Vitamin C

Vitamin C

Vitamin C

Formal Name: Ascorbic Acid
Supplement Forms: Pills, food, liquid

Recommended Daily Allowance

  • Infants: (0 to 12 Months) 40 – 50 mg/day
  • Children: (1 to 13 Years) 15 – 45 mg/day
  • Adolescents: (14 to 18 Years) 65 – 70 mg/day
  • Adults: (19 and older) 75 – 90 mg/day
  • Lactating Women: 115 – 120 mg/day
  • Pregnant Women: 80 – 85 mg/day

Notes: mg stands for milligrams. The recommended daily allowance for adult smokers is 110 -125 mg/day.

Additional Information

Vitamin C is a specific form of a chemical compound known as ascorbic acid. It is a water soluble vitamin that is not stored by the body and therefore requires a continuous supply through daily dietary intake. It is known as one of the most effective nutrients but is highly prone to destruction from even small amounts of alkalies and also loses some of its content when heated or cooked which is why most vitamin C rich foods are fresh and cold. This vitamin is primarily present in the brain, pancreas, kidney, liver, spleen as well as within blood cells.
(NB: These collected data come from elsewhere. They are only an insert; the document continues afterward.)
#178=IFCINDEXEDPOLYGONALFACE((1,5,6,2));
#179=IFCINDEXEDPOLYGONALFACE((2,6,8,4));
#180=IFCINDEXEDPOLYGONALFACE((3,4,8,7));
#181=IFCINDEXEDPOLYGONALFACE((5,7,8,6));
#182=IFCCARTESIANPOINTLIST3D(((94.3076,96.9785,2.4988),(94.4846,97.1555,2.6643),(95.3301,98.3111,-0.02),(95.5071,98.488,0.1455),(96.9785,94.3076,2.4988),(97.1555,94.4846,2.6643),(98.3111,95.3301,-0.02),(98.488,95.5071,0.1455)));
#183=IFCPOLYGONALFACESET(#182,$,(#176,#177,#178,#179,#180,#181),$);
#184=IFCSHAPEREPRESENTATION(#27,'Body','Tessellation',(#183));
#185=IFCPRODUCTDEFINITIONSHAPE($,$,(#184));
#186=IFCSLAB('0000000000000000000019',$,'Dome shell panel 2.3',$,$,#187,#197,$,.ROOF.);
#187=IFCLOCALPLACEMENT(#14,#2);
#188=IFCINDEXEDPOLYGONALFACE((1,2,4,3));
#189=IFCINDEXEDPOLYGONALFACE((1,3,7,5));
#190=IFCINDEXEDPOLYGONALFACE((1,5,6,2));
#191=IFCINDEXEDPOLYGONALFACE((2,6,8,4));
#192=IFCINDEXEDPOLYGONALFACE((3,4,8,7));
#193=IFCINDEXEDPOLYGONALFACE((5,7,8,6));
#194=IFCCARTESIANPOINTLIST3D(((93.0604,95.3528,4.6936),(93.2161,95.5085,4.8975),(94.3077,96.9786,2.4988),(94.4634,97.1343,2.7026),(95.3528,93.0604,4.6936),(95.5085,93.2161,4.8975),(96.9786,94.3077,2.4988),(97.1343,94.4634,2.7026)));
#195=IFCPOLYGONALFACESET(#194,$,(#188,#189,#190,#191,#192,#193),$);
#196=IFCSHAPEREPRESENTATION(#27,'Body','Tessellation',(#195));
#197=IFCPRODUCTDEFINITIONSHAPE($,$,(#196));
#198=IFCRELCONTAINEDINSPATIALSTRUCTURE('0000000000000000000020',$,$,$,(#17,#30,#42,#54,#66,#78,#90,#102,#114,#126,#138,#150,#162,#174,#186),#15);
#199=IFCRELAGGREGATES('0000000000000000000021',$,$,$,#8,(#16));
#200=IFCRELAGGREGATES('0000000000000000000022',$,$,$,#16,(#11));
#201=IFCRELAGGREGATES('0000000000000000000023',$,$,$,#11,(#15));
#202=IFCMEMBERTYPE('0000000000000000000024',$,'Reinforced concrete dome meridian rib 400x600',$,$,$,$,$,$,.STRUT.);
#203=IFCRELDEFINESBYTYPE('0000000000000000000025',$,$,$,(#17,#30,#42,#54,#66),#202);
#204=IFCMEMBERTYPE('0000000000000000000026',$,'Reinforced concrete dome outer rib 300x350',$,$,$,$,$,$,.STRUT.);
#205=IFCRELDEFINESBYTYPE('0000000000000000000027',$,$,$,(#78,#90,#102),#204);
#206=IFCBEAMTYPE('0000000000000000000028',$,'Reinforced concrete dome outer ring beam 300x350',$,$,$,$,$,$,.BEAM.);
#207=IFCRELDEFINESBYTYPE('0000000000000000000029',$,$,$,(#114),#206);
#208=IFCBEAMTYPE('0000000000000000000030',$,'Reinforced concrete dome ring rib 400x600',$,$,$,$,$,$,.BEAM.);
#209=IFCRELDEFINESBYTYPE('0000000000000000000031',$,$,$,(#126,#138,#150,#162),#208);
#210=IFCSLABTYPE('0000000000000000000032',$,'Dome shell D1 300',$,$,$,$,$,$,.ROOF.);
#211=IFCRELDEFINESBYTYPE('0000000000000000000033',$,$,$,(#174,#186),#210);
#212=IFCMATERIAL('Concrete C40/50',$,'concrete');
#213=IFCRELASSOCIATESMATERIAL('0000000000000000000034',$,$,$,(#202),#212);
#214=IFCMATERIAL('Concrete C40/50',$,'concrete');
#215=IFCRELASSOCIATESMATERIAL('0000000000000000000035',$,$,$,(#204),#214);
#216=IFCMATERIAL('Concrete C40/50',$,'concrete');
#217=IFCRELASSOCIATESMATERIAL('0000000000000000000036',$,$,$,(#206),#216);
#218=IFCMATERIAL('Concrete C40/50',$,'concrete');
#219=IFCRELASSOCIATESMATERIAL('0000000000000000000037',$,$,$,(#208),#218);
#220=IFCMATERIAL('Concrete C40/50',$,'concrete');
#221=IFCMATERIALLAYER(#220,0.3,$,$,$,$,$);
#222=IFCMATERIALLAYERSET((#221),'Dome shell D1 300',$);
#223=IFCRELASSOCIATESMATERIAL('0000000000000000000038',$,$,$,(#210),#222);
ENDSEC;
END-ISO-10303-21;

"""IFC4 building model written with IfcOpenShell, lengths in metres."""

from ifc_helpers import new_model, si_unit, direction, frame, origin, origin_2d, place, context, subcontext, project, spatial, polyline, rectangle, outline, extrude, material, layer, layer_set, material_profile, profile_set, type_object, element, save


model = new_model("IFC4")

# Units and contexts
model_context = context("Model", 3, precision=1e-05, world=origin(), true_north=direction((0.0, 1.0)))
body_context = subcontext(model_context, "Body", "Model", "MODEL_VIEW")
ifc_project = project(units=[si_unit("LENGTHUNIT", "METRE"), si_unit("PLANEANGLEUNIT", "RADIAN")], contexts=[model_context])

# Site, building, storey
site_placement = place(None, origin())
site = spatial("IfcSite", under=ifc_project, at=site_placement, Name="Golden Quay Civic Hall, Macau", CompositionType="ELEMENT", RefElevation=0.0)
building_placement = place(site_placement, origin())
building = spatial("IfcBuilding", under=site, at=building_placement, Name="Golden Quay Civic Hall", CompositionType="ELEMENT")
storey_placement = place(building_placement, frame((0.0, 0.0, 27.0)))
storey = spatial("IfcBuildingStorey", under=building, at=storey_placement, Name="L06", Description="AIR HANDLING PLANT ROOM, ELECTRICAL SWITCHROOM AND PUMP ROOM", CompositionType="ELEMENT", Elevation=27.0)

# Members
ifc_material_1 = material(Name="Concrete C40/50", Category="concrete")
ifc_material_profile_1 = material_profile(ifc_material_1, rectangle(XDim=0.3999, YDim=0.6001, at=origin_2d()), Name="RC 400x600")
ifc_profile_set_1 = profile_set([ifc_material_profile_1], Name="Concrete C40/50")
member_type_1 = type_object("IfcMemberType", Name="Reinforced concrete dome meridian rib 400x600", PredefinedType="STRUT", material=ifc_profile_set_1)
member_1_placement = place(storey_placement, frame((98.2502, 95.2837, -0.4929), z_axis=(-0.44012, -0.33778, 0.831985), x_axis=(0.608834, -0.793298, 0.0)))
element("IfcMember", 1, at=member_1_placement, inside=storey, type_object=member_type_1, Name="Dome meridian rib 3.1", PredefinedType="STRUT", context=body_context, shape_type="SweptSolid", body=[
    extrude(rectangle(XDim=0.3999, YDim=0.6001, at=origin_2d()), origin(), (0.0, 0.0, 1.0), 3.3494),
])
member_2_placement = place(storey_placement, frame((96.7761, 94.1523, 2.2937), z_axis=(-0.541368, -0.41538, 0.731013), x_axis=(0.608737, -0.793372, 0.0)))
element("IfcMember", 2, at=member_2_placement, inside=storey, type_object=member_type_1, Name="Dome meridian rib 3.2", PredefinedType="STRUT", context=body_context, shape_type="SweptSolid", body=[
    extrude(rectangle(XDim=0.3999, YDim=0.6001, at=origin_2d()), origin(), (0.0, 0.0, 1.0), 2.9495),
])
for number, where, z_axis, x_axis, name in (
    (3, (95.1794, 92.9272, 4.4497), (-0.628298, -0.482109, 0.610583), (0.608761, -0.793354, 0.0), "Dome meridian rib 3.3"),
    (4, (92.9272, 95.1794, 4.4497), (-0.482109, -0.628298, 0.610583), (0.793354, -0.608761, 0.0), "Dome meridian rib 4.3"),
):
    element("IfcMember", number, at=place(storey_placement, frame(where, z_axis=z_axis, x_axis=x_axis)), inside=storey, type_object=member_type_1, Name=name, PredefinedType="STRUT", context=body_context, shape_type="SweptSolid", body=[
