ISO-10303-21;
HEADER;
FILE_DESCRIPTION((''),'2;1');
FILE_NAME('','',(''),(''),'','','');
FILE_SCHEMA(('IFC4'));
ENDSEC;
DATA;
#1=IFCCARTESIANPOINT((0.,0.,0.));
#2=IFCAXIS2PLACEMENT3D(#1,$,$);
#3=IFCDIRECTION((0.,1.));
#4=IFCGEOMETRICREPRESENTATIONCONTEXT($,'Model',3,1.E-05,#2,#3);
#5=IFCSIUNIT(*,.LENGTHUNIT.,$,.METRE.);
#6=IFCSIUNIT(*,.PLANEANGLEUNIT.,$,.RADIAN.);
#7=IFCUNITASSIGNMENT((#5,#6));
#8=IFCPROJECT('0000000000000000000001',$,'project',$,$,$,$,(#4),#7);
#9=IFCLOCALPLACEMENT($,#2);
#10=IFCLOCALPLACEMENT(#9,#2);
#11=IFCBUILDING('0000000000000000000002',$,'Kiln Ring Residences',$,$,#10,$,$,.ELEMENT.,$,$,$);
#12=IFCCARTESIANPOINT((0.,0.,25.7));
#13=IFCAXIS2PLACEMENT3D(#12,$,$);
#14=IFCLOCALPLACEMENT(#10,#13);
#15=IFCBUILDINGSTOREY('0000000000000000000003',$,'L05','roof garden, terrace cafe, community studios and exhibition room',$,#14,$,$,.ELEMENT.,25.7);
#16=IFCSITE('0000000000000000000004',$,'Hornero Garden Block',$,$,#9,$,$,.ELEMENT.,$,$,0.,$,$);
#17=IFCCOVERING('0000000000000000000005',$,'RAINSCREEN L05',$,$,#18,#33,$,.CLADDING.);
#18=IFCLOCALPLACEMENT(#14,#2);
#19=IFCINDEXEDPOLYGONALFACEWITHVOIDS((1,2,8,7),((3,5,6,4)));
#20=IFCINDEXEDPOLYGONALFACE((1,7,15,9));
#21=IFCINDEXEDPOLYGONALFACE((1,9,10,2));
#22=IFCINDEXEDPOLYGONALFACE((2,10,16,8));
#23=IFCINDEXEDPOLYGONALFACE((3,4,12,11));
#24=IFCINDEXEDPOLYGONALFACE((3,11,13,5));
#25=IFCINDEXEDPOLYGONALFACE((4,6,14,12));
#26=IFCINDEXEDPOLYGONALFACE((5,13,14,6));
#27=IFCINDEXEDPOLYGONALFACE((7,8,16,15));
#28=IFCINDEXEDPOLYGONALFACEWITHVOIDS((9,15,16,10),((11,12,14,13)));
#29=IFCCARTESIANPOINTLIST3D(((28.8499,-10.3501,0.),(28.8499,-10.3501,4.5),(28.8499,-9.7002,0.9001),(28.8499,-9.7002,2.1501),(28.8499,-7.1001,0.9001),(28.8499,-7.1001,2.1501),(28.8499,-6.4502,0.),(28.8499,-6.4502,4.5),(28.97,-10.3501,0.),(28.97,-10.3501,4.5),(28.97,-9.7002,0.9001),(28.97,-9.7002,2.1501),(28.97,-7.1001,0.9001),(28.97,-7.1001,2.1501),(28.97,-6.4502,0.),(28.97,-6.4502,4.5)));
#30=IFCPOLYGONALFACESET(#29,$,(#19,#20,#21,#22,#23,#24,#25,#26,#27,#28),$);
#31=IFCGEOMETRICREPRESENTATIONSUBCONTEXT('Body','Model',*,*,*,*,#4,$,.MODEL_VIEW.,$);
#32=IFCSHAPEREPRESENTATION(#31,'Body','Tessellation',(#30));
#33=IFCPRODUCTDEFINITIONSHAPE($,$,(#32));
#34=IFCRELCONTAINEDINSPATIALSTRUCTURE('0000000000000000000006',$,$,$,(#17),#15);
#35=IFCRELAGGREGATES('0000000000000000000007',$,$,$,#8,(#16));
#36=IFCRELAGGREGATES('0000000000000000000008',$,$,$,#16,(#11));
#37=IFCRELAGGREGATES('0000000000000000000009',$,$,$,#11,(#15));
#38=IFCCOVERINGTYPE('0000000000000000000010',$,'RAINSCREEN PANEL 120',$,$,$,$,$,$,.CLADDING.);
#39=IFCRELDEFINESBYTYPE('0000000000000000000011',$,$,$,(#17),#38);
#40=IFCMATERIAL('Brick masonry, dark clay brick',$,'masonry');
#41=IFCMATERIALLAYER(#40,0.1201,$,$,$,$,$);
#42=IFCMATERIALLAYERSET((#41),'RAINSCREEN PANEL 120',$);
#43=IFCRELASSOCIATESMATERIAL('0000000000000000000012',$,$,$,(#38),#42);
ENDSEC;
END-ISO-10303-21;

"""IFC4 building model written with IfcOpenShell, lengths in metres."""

from ifc_helpers import new_model, si_unit, direction, frame, origin, place, context, subcontext, project, spatial, polyline, outline, extrude, material, layer, layer_set, type_object, element, save


model = new_model("IFC4")

# Units and contexts
model_context = context("Model", 3, precision=1e-05, world=origin(), true_north=direction((0.0, 1.0)))
body_context = subcontext(model_context, "Body", "Model", "MODEL_VIEW")
ifc_project = project(units=[si_unit("LENGTHUNIT", "METRE"), si_unit("PLANEANGLEUNIT", "RADIAN")], contexts=[model_context])

# Site, building, storey
site_placement = place(None, origin())
site = spatial("IfcSite", under=ifc_project, at=site_placement, Name="Hornero Garden Block", CompositionType="ELEMENT", RefElevation=0.0)
building_placement = place(site_placement, origin())
building = spatial("IfcBuilding", under=site, at=building_placement, Name="Kiln Ring Residences", CompositionType="ELEMENT")
storey_placement = place(building_placement, frame((0.0, 0.0, 25.7)))
storey = spatial("IfcBuildingStorey", under=building, at=storey_placement, Name="L05", Description="roof garden, terrace cafe, community studios and exhibition room", CompositionType="ELEMENT", Elevation=25.7)

# Covering
ifc_material_1 = material(Name="Brick masonry, dark clay brick", Category="masonry")
ifc_layer_1 = layer(ifc_material_1, 0.1201)
ifc_layer_set_1 = layer_set([ifc_layer_1], Name="RAINSCREEN PANEL 120")
covering_type = type_object("IfcCoveringType", Name="RAINSCREEN PANEL 120", PredefinedType="CLADDING", material=ifc_layer_set_1)
covering_1_placement = place(storey_placement, frame((28.9099, -10.3501, 0.0), z_axis=(0.0, 0.0, 1.0), x_axis=(0.0, 1.0, 0.0)))
element("IfcCovering", 1, at=covering_1_placement, inside=storey, type_object=covering_type, Name="RAINSCREEN L05", PredefinedType="CLADDING", context=body_context, shape_type="SweptSolid", body=[
    extrude(outline(polyline([(0.0, 0.0), (3.8999, 0.0), (3.8999, 4.5), (0.0, 4.5), (0.0, 0.0)]), holes=[polyline([(0.6499, 2.1501), (0.6499, 0.9001), (3.25, 0.9001), (3.25, 2.1501), (0.6499, 2.1501)])]), frame((0.0, 0.0601, 0.0), z_axis=(0.0, -1.0, 0.0), x_axis=(1.0, 0.0, 0.0)), (0.0, 0.0, 1.0), 0.1201),
])

save(model, "model.ifc")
Bodily Functions Performed by Vitamin C

One of vitamin C’s key roles within the body is as an antioxidant protecting against damage caused by free radicals and other toxins. It is also involved in other physiological functions such as the synthesis of collagen which is an essential protein needed to make skin, blood vessels, ligaments, tendons and in the treatment of wounds and infections. Additionally this vitamin is present in the synthesis of carnitine and neurotransmitters.

Symptoms Of Deficiency:
  • Weakness
  • Inflammation of the gums
  • Nosebleeds
  • Susceptibility to infections
  • Scurvy
  • Sore and painful joints
Foods High In Vitamin C

Vitamin C can commonly be found in high amounts within citrus fruits and juices. Guava, strawberry, peaches, mangoes and rose hip extracts contain considerable amounts of Vitamin C. Additionally vegetables such as peppers, spring greens, broccoli, cauliflower, tomato, green cabbage and Brussels sprouts are great for daily dietary intake.

Ailments That Vitamin C Eliminates:
  • Improves poor collagen production
  • Treats scurvy
  • Reduces cellular damage from free radicals
  • Helps prevent pneumonia and lung infections
  • Reduces risk of stroke
Side Effects/Pre-Cautions

The upper intake limit level for vitamin C is 2000 mg per day. High doses can result in upset stomach, diarrhea, acidification of the urine, may promote iron overload in the body and throw the antioxidant level of your body off-balance.